In Oregon it's against some law to keep Western Pond Turtles, RES, and Western Painted turtles. Does that mean I won't keep them. No. The owner of the small pet store that buys my parakeet babies called me to go to that store and I picked up an illegal turtle that somebody had left in the store. So of course I'd take it, rehab it and find a home for it. The pet shop owner "might, could" lose his license for that turtle, and Tom(?) "might could" lose his career in his hypothetical situation. Nothing would happen to me as I am very strange, weird, and seriously old, and the being very old I have Disabled and Senior servises


----------



## Tom (Oct 17, 2020)

method89 said:


> Hypothetically, what would be the plan if the eggs hatched? Would they be returned to the wild if they were indeed DT's? If this was the case, then nobody is the wiser. If the plan was to keep them I would notify the governing body that you "may" have been given them and how should you proceed. Government inefficiency here would probably absolve you her of any wrong doing


Captive tortoises cannot be released into the wild with out a whole lot of testing and red tape to get through. This is one area where I agree with the laws. No pet owner should be doing this. Ever. It could wipe out an entire species, and many other species as well.

Any baby DTs that come my way are rehabbed and given away for free to good homes.

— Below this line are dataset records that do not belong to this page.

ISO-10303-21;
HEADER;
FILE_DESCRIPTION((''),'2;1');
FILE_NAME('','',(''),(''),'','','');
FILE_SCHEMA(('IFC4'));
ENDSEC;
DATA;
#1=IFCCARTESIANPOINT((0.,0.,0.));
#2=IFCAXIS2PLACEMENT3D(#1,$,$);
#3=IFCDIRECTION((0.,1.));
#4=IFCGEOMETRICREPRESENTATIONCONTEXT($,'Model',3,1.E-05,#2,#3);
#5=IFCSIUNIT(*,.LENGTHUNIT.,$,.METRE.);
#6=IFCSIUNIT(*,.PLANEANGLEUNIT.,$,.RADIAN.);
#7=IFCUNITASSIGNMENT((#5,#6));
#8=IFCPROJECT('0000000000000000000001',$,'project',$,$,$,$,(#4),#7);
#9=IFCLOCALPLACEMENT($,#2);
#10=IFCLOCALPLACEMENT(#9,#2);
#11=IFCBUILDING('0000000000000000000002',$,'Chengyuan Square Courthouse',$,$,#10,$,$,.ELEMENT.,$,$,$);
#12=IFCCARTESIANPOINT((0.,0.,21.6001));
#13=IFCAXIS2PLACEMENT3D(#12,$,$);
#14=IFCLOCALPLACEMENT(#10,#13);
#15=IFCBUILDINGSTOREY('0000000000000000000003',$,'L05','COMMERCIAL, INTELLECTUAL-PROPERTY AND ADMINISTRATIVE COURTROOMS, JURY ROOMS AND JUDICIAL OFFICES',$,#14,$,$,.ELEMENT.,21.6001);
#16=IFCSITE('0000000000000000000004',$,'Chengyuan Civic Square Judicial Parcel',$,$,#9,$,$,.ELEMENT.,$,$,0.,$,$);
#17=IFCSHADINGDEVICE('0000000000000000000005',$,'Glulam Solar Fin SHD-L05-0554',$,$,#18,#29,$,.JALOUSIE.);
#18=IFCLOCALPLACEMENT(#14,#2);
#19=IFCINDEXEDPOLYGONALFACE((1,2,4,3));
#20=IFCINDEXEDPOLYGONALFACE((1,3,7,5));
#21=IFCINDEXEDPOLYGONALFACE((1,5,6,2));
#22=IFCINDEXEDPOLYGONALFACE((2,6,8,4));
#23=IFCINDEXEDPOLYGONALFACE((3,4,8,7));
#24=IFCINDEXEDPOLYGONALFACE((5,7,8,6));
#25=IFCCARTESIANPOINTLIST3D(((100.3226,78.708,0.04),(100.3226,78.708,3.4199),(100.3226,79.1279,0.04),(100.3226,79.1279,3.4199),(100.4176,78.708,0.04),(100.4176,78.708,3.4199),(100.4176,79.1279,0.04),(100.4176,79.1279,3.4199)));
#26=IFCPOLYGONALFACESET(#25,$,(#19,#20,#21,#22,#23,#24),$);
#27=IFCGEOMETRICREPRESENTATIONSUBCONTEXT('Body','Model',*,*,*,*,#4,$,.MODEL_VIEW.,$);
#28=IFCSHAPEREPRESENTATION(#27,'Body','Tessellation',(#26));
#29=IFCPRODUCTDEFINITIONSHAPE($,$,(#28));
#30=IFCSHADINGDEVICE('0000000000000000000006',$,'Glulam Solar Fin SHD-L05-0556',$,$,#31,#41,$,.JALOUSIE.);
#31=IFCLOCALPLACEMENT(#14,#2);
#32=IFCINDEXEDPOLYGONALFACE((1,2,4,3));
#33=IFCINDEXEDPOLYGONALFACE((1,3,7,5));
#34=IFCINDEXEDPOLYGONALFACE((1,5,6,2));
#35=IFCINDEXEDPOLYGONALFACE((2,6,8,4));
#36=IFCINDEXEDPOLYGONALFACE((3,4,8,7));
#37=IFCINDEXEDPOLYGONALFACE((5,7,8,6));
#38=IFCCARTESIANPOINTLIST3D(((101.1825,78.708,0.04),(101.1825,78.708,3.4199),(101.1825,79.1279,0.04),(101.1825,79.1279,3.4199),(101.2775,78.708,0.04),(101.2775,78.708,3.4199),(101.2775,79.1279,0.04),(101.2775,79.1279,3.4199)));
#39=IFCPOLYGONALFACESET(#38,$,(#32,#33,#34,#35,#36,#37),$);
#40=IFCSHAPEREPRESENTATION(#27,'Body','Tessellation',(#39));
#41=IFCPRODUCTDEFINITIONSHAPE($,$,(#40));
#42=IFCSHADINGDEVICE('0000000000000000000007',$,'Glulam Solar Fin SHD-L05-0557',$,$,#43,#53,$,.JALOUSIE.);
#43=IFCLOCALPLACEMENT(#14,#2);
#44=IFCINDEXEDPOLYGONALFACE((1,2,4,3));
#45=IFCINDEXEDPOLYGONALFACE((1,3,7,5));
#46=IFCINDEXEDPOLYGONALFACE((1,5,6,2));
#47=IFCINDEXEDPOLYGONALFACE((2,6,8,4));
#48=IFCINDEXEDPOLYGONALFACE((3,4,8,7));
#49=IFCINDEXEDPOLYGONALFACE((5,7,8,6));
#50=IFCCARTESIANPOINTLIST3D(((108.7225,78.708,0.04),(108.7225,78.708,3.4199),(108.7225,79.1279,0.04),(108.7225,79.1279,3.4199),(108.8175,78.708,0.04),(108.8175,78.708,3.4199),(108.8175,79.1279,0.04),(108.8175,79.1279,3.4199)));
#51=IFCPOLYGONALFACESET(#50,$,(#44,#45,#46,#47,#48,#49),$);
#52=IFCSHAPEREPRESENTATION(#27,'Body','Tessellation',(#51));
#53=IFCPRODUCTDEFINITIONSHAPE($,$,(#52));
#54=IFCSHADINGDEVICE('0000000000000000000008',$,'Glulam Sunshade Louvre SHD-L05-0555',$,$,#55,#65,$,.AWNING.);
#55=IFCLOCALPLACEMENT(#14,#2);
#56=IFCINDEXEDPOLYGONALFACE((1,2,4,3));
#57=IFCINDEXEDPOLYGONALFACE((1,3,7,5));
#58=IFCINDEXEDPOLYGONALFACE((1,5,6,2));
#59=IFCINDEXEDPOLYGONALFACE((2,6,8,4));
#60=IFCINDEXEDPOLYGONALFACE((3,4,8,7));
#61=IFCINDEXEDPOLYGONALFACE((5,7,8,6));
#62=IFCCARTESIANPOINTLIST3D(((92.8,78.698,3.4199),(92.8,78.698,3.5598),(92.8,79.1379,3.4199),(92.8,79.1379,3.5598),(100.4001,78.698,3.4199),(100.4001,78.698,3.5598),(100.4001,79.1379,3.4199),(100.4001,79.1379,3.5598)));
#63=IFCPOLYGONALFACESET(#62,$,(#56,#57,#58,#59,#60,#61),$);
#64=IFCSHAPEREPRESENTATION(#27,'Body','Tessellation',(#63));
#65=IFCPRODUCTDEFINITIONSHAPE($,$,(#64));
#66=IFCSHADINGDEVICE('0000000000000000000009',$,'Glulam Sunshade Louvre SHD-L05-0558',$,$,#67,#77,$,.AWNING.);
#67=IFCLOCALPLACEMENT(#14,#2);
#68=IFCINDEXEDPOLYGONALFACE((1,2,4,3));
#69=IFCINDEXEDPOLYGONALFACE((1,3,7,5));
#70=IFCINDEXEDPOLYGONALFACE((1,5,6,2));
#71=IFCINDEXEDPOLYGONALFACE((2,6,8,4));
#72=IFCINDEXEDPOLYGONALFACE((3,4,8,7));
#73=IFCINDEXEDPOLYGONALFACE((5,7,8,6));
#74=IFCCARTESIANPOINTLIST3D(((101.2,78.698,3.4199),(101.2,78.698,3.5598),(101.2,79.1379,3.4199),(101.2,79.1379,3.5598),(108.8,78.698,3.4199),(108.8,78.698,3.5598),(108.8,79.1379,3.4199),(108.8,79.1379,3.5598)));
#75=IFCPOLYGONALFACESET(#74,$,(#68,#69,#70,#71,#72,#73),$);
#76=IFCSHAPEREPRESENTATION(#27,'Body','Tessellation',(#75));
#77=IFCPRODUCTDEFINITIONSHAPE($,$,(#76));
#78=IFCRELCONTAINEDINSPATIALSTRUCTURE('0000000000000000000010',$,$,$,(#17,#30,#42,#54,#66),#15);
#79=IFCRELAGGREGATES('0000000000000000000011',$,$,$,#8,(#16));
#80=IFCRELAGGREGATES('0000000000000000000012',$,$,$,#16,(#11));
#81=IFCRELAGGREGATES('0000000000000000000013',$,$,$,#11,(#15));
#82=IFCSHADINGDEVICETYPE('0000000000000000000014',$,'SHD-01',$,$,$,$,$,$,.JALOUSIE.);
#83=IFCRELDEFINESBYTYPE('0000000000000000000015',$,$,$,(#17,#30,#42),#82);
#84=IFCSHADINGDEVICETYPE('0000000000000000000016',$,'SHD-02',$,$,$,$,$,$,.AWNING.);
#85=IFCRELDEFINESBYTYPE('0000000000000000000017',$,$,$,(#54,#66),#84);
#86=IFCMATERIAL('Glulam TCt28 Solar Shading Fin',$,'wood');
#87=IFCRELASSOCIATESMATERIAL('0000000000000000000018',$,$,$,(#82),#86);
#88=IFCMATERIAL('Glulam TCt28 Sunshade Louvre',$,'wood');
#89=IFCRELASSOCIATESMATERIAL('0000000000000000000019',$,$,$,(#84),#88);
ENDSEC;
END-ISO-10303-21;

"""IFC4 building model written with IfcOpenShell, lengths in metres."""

from ifc_helpers import new_model, si_unit, direction, frame, origin, origin_2d, place, context, subcontext, project, spatial, rectangle, extrude, material, type_object, element, save


model = new_model("IFC4")

# Units and contexts
model_context = context("Model", 3, precision=1e-05, world=origin(), true_north=direction((0.0, 1.0)))
body_context = subcontext(model_context, "Body", "Model", "MODEL_VIEW")
ifc_project = project(units=[si_unit("LENGTHUNIT", "METRE"), si_unit("PLANEANGLEUNIT", "RADIAN")], contexts=[model_context])

# Site, building, storey
site_placement = place(None, origin())
site = spatial("IfcSite", under=ifc_project, at=site_placement, Name="Chengyuan Civic Square Judicial Parcel", CompositionType="ELEMENT", RefElevation=0.0)
building_placement = place(site_placement, origin())
building = spatial("IfcBuilding", under=site, at=building_placement, Name="Chengyuan Square Courthouse", CompositionType="ELEMENT")
storey_placement = place(building_placement, frame((0.0, 0.0, 21.6001)))
storey = spatial("IfcBuildingStorey", under=building, at=storey_placement, Name="L05", Description="COMMERCIAL, INTELLECTUAL-PROPERTY AND ADMINISTRATIVE COURTROOMS, JURY ROOMS AND JUDICIAL OFFICES", CompositionType="ELEMENT", Elevation=21.6001)

# Shading devices
ifc_material_1 = material(Name="Glulam TCt28 Solar Shading Fin", Category="wood")
shading_device_type_1 = type_object("IfcShadingDeviceType", Name="SHD-01", PredefinedType="JALOUSIE", material=ifc_material_1)
for number, where, z_axis, x_axis, name in (
    (1, (100.3701, 78.918, 0.04), (0.0, 0.0, 1.0), (0.0, 1.0, 0.0), "Glulam Solar Fin SHD-L05-0554"),
    (2, (101.23, 78.918, 0.04), (0.0, 0.0, 1.0), (0.0, 1.0, 0.0), "Glulam Solar Fin SHD-L05-0556"),
    (3, (108.77, 78.918, 0.04), (0.0, 0.0, 1.0), (0.0, 1.0, 0.0), "Glulam Solar Fin SHD-L05-0557"),
):
    element("IfcShadingDevice", number, at=place(storey_placement, frame(where, z_axis=z_axis, x_axis=x_axis)), inside=storey, type_object=shading_device_type_1, Name=name, PredefinedType="JALOUSIE", context=body_context, shape_type="SweptSolid", body=[
        extrude(rectangle(XDim=0.4199, YDim=0.095, at=origin_2d()), origin(), (0.0, 0.0, 1.0), 3.3799),
    ])
ifc_material_2 = material(Name="Glulam TCt28 Sunshade Louvre", Category="wood")
shading_device_type_2 = type_object("IfcShadingDeviceType", Name="SHD-02", PredefinedType="AWNING", material=ifc_material_2)
for number, where, z_axis, x_axis, name in (
    (4, (96.6001, 78.918, 3.4199), (0.0, 0.0, 1.0), (1.0, 0.0, 0.0), "Glulam Sunshade Louvre SHD-L05-0555"),
    (5, (105.0, 78.918, 3.4199), (0.0, 0.0, 1.0), (1.0, 0.0, 0.0), "Glulam Sunshade Louvre SHD-L05-0558"),
):
    element("IfcShadingDevice", number, at=place(storey_placement, frame(where, z_axis=z_axis, x_axis=x_axis)), inside=storey, type_object=shading_device_type_2, Name=name, PredefinedType="AWNING", context=body_context, shape_type="SweptSolid", body=[
        extrude(rectangle(XDim=7.6001, YDim=0.4399, at=origin_2d()), origin(), (0.0, 0.0, 1.0), 0.1399),
    ])

save(model, "model.ifc")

The other poster's question just got me thinking.


----------



## BeeBee*BeeLeaves (Oct 18, 2020)

CDTs are now considered endangered, aren't they? From protected.
If so, every egg life matters, imo.


----------



## Tom (Oct 18, 2020)

BeeBee*BeeLeaves said:


> CDTs are now considered endangered, aren't they? From protected.
> If so, every egg life matters, imo.


You are using common sense and rationality. Those concepts have NOTHING to do with laws or government anymore.


----------



## ZEROPILOT (Oct 18, 2020)

Tom said:


> You are using common sense and rationality. Those concepts have NOTHING to do with laws or government anymore.


Amen


----------



## Maggie3fan (Oct 19, 2020)

BeeBee*BeeLeaves said:


> CDTs are now considered endangered, aren't they? From protected.
> If so, every egg life matters, imo.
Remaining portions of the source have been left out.